Tutorial on geospatial data manipulation with Python
Switch branches/tags
Nothing to show
Clone or download
Latest commit 9d548dd Aug 28, 2018


Introduction to geospatial data analysis with GeoPandas and the PyData stack


Tutorial on geospatial data manipulation with Python

This tutorial is an introduction to geospatial data analysis in Python, with a focus on tabular vector data using GeoPandas. It will introduce the different libraries to work with geospatial data and will cover munging geo-data and exploring relations over space. This includes importing data in different formats (e.g. shapefile, GeoJSON), visualizing, combining and tidying them up for analysis, exploring spatial relationships, ... and will use libraries such as pandas, geopandas, shapely, pyproj, matplotlib, cartopy, ...

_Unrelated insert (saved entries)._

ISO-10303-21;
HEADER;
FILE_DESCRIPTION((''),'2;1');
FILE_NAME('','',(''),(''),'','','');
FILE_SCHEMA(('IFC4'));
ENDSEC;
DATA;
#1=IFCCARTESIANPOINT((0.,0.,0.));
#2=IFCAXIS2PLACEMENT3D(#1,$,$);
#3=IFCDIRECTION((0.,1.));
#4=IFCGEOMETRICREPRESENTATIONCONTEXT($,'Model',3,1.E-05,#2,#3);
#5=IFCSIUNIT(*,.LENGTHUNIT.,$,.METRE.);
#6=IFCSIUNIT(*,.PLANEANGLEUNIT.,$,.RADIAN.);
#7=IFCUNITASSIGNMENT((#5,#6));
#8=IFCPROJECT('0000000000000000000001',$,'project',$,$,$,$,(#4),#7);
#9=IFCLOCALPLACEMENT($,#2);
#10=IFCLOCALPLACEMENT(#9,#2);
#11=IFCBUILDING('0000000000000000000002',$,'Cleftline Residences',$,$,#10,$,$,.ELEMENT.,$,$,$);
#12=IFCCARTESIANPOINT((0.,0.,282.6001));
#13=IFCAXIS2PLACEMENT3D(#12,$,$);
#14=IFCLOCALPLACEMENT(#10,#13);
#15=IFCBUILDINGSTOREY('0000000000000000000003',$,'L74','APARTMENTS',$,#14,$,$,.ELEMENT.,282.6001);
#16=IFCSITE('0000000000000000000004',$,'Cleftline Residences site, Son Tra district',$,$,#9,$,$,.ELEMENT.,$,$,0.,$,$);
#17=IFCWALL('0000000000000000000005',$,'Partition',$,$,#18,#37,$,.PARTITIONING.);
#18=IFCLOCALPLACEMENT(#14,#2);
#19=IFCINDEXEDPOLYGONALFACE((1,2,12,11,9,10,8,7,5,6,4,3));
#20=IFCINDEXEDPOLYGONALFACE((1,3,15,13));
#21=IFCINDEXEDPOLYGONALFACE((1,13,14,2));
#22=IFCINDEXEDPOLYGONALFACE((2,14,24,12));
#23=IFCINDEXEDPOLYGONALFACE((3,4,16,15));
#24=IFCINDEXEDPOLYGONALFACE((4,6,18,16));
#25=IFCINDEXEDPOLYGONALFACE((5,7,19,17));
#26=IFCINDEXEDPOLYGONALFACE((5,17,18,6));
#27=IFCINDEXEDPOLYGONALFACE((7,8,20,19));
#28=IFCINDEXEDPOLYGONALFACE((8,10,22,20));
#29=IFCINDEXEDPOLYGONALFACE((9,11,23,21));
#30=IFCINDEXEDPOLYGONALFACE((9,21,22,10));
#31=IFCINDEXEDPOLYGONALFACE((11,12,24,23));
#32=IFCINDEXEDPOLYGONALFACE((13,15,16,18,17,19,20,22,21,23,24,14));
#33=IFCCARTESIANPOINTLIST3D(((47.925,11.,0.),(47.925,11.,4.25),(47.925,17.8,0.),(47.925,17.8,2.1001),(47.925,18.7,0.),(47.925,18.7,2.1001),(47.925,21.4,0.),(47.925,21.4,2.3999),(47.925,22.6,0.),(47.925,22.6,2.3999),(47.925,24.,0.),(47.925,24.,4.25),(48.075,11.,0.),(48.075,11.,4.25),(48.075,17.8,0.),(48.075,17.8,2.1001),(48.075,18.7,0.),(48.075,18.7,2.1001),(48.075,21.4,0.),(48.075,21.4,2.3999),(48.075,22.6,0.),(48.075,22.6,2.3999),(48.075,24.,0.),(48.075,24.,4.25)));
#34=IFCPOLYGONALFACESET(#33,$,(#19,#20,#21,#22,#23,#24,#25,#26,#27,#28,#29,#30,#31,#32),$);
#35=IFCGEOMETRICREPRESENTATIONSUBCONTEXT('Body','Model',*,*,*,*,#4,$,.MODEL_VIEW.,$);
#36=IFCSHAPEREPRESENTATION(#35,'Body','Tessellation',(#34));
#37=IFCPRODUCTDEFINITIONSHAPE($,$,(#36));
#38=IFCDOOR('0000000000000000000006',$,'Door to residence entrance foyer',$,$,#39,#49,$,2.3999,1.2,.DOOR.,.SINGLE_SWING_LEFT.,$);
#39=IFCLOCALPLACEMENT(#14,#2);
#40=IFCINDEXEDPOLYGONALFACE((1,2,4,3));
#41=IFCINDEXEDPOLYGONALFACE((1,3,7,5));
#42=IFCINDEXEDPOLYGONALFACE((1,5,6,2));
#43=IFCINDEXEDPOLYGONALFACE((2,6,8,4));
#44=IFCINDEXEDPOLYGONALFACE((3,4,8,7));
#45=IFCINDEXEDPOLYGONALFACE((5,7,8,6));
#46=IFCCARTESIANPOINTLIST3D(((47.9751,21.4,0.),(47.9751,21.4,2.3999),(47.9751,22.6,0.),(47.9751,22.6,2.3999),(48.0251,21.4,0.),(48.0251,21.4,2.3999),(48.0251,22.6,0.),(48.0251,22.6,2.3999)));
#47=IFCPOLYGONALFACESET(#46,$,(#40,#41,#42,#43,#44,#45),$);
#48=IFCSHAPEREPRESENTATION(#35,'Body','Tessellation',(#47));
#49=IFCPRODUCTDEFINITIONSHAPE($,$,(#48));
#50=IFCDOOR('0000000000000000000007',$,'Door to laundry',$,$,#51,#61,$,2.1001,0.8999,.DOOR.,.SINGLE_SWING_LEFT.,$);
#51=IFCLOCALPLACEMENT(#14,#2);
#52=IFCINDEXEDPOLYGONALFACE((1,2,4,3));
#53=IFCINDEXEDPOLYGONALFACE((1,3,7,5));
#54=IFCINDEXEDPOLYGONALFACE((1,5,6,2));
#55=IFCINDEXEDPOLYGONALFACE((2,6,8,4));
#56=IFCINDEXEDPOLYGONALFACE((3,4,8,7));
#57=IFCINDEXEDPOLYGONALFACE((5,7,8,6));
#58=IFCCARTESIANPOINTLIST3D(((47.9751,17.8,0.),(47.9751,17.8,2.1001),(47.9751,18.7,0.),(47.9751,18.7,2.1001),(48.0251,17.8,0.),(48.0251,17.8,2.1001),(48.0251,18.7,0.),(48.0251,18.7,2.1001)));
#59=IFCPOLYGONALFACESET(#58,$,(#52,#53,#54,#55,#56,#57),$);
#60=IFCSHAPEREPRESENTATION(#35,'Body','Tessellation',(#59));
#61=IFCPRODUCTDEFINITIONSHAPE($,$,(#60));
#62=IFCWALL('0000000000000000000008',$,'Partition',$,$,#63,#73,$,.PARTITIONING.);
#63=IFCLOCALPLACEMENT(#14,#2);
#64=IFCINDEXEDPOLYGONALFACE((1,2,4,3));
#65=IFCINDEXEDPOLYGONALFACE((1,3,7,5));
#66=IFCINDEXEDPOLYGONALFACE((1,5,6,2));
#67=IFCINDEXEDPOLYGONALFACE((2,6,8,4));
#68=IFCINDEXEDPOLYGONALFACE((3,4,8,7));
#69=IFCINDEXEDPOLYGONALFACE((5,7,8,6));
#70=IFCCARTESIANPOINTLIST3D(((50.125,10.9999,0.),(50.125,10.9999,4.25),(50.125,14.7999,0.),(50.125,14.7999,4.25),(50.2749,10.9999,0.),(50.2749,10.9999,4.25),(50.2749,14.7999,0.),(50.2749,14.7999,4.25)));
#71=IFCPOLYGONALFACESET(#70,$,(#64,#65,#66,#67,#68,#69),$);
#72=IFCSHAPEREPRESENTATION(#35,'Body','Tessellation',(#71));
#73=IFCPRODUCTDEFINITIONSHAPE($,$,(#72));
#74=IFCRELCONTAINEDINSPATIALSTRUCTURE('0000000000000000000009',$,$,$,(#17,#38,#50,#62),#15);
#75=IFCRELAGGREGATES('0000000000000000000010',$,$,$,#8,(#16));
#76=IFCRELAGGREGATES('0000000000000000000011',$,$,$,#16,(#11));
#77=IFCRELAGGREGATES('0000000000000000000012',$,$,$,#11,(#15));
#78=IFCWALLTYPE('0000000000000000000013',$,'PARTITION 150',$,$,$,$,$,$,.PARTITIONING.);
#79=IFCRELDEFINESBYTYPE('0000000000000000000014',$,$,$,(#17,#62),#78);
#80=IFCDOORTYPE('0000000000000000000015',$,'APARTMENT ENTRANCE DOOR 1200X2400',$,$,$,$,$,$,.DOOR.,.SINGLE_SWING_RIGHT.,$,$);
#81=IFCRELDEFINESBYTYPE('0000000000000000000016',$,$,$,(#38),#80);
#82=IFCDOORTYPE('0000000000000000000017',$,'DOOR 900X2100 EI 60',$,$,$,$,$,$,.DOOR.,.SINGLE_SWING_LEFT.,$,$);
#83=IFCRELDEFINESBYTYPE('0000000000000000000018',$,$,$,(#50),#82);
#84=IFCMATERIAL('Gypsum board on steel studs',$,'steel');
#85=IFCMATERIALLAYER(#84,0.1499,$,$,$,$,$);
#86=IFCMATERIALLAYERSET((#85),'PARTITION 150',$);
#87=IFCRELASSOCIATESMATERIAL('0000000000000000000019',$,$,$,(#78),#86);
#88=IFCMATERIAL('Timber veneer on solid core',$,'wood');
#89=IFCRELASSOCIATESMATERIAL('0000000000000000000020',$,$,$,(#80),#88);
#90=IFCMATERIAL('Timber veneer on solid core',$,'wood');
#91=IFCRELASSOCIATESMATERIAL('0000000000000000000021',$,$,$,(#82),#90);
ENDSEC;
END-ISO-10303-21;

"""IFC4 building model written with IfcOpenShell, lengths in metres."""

from ifc_helpers import new_model, si_unit, direction, frame, frame_2d, origin, place, context, subcontext, project, spatial, rectangle, extrude, material, layer, layer_set, type_object, element, fill, save


model = new_model("IFC4")

# Units and contexts
model_context = context("Model", 3, precision=1e-05, world=origin(), true_north=direction((0.0, 1.0)))
body_context = subcontext(model_context, "Body", "Model", "MODEL_VIEW")
ifc_project = project(units=[si_unit("LENGTHUNIT", "METRE"), si_unit("PLANEANGLEUNIT", "RADIAN")], contexts=[model_context])

# Site, building, storey
site_placement = place(None, origin())
site = spatial("IfcSite", under=ifc_project, at=site_placement, Name="Cleftline Residences site, Son Tra district", CompositionType="ELEMENT", RefElevation=0.0)
building_placement = place(site_placement, origin())
building = spatial("IfcBuilding", under=site, at=building_placement, Name="Cleftline Residences", CompositionType="ELEMENT")
storey_placement = place(building_placement, frame((0.0, 0.0, 282.6001)))
storey = spatial("IfcBuildingStorey", under=building, at=storey_placement, Name="L74", Description="APARTMENTS", CompositionType="ELEMENT", Elevation=282.6001)

# Shared definitions
ifc_material_1 = material(Name="Gypsum board on steel studs", Category="steel")
ifc_layer_1 = layer(ifc_material_1, 0.1499)
ifc_layer_set_1 = layer_set([ifc_layer_1], Name="PARTITION 150")
wall_type_1 = type_object("IfcWallType", Name="PARTITION 150", PredefinedType="PARTITIONING", material=ifc_layer_set_1)

# Wall, openings, doors
wall_1_placement = place(storey_placement, frame((48.0, 11.0, 0.0), z_axis=(0.0, 0.0, 1.0), x_axis=(0.0, 1.0, 0.0)))
wall_1 = element("IfcWall", 1, at=wall_1_placement, inside=storey, type_object=wall_type_1, Name="Partition", PredefinedType="PARTITIONING", context=body_context, shape_type="SweptSolid", body=[
    extrude(rectangle(XDim=13.0, YDim=0.1499, at=frame_2d((6.5, 0.0))), origin(), (0.0, 0.0, 1.0), 4.25),
])
opening_1_placement = place(wall_1_placement, frame((10.3999, 0.0, 0.0)))
opening_1 = element("IfcOpeningElement", 2, at=opening_1_placement, cuts=wall_1, PredefinedType="OPENING", context=body_context, shape_type="SweptSolid", body=[
    extrude(rectangle(XDim=1.2, YDim=2.3999, at=frame_2d((0.6001, 1.2))), frame((0.0, 0.085, 0.0), z_axis=(0.0, -1.0, 0.0), x_axis=(1.0, 0.0, 0.0)), (0.0, 0.0, 1.0), 0.1699),
])
opening_2_placement = place(wall_1_placement, frame((6.8, 0.0, 0.0)))
opening_2 = element("IfcOpeningElement", 3, at=opening_2_placement, cuts=wall_1, PredefinedType="OPENING", context=body_context, shape_type="SweptSolid", body=[
    extrude(rectangle(XDim=0.8999, YDim=2.1001, at=frame_2d((0.45, 1.05))), frame((0.0, 0.085, 0.0), z_axis=(0.0, -1.0, 0.0), x_axis=(1.0, 0.0, 0.0)), (0.0, 0.0, 1.0), 0.1699),
])
ifc_material_2 = material(Name="Timber veneer on solid core", Category="wood")
door_type_1 = type_object("IfcDoorType", Name="APARTMENT ENTRANCE DOOR 1200X2400", OperationType="SINGLE_SWING_RIGHT", PredefinedType="DOOR", material=ifc_material_2)
door_1_placement = place(opening_1_placement, origin())
door_1 = element("IfcDoor", 4, at=door_1_placement, inside=storey, type_object=door_type_1, Name="Door to residence entrance foyer", OperationType="SINGLE_SWING_LEFT", OverallHeight=2.3999, OverallWidth=1.2, PredefinedType="DOOR", context=body_context, shape_type="SweptSolid", body=[
    extrude(rectangle(XDim=1.2, YDim=2.3999, at=frame_2d((0.6001, 1.2))), frame((0.0, 0.0249, 0.0), z_axis=(0.0, -1.0, 0.0), x_axis=(1.0, 0.0, 0.0)), (0.0, 0.0, 1.0), 0.05),
])
fill(opening_1, door_1)
ifc_material_3 = material(Name="Timber veneer on solid core", Category="wood")
door_type_2 = type_object("IfcDoorType", Name="DOOR 900X2100 EI 60", OperationType="SINGLE_SWING_LEFT", PredefinedType="DOOR", material=ifc_material_3)
door_2_placement = place(opening_2_placement, origin())
door_2 = element("IfcDoor", 5, at=door_2_placement, inside=storey, type_object=door_type_2, Name="Door to laundry", OperationType="SINGLE_SWING_LEFT", OverallHeight=2.1001, OverallWidth=0.8999, PredefinedType="DOOR", context=body_context, shape_type="SweptSolid", body=[
    extrude(rectangle(XDim=0.8999, YDim=2.1001, at=frame_2d((0.45, 1.05))), frame((0.0, 0.0249, 0.0), z_axis=(0.0, -1.0, 0.0), x_axis=(1.0, 0.0, 0.0)), (0.0, 0.0, 1.0), 0.05),
])
fill(opening_2, door_2)

# Wall
wall_2_placement = place(storey_placement, frame((50.2, 11.0, 0.0), z_axis=(0.0, 0.0, 1.0), x_axis=(0.0, 1.0, 0.0)))
element("IfcWall", 6, at=wall_2_placement, inside=storey, type_object=wall_type_1, Name="Partition", PredefinedType="PARTITIONING", context=body_context, shape_type="SweptSolid", body=[
    extrude(rectangle(XDim=3.8, YDim=0.1499, at=frame_2d((1.8999, 0.0))), origin(), (0.0, 0.0, 1.0), 4.25),
])

save(model, "model.ifc")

The tutorial will cover the following topics, each of them using Jupyter notebooks and hands-on exercises with real-world data:

  1. Introduction to vector data and GeoPandas
  2. Visualizing geospatial data
  3. Spatial relationships and operations
  4. Spatial joins and overlays
  5. Short showcase of parallel/distributed geospatial analysis with Dask

This repository initially contained the teaching material for the geospatial data analysis tutorial at GeoPython 2018, May 7-9 2018, Basel, Switzerland, and was later updated and also used at Scipy 2018 and EuroScipy 2018.

Installation notes

Following this tutorial will require recent installations of:

  • Python >= 3.5 (it will probably work on python 2.7 as well, but I didn't test it specifically)
  • pandas
  • geopandas >= 0.3.0
  • matplotlib
  • rtree
  • PySAL
  • Jupyter Notebook
  • (optional for visualisation showcase) cartopy
  • (optional for visualisation showcase) geoplot

If you do not yet have these packages installed, we recommend to use the conda package manager to install all the requirements (you can install miniconda or install the (larger) Anaconda distribution, found at https://www.anaconda.com/download/).

Once this is installed, the following command will install all required packages in your Python environment:

conda install jupyter geopandas

For the optional dependencies, you can do:

conda install cartopy
conda install geoplot -c conda-forge

But of course, using another distribution (e.g. Enthought Canopy) or pip is fine as well (a requirements file is provided as well), as long as you have the above packages installed.

Downloading the tutorial materials

Note: I am still updating the materials, so I recommend to only download the materials the morning before the tutorial starts, or to update your local copy then. To update a local copy, you can download the latest version again, or do a git pull if you are using git.

If you have git installed, you can get the tutorial materials by cloning this repo:

git clone https://github.com/jorisvandenbossche/geopandas-tutorial.git

Otherwise, you can download the repository as a .zip file by heading over to the GitHub repository (https://github.com/jorisvandenbossche/geopandas-tutorial) in your browser and click the green "Download" button in the upper right:

Test the tutorial environment

To make sure everything was installed correctly, open a terminal, and change its directory (cd) so that your working directory is the tutorial materials you downloaded in the step above. Then enter the following:

python check_environment.py

Make sure that this scripts prints "All good. Enjoy the tutorial!"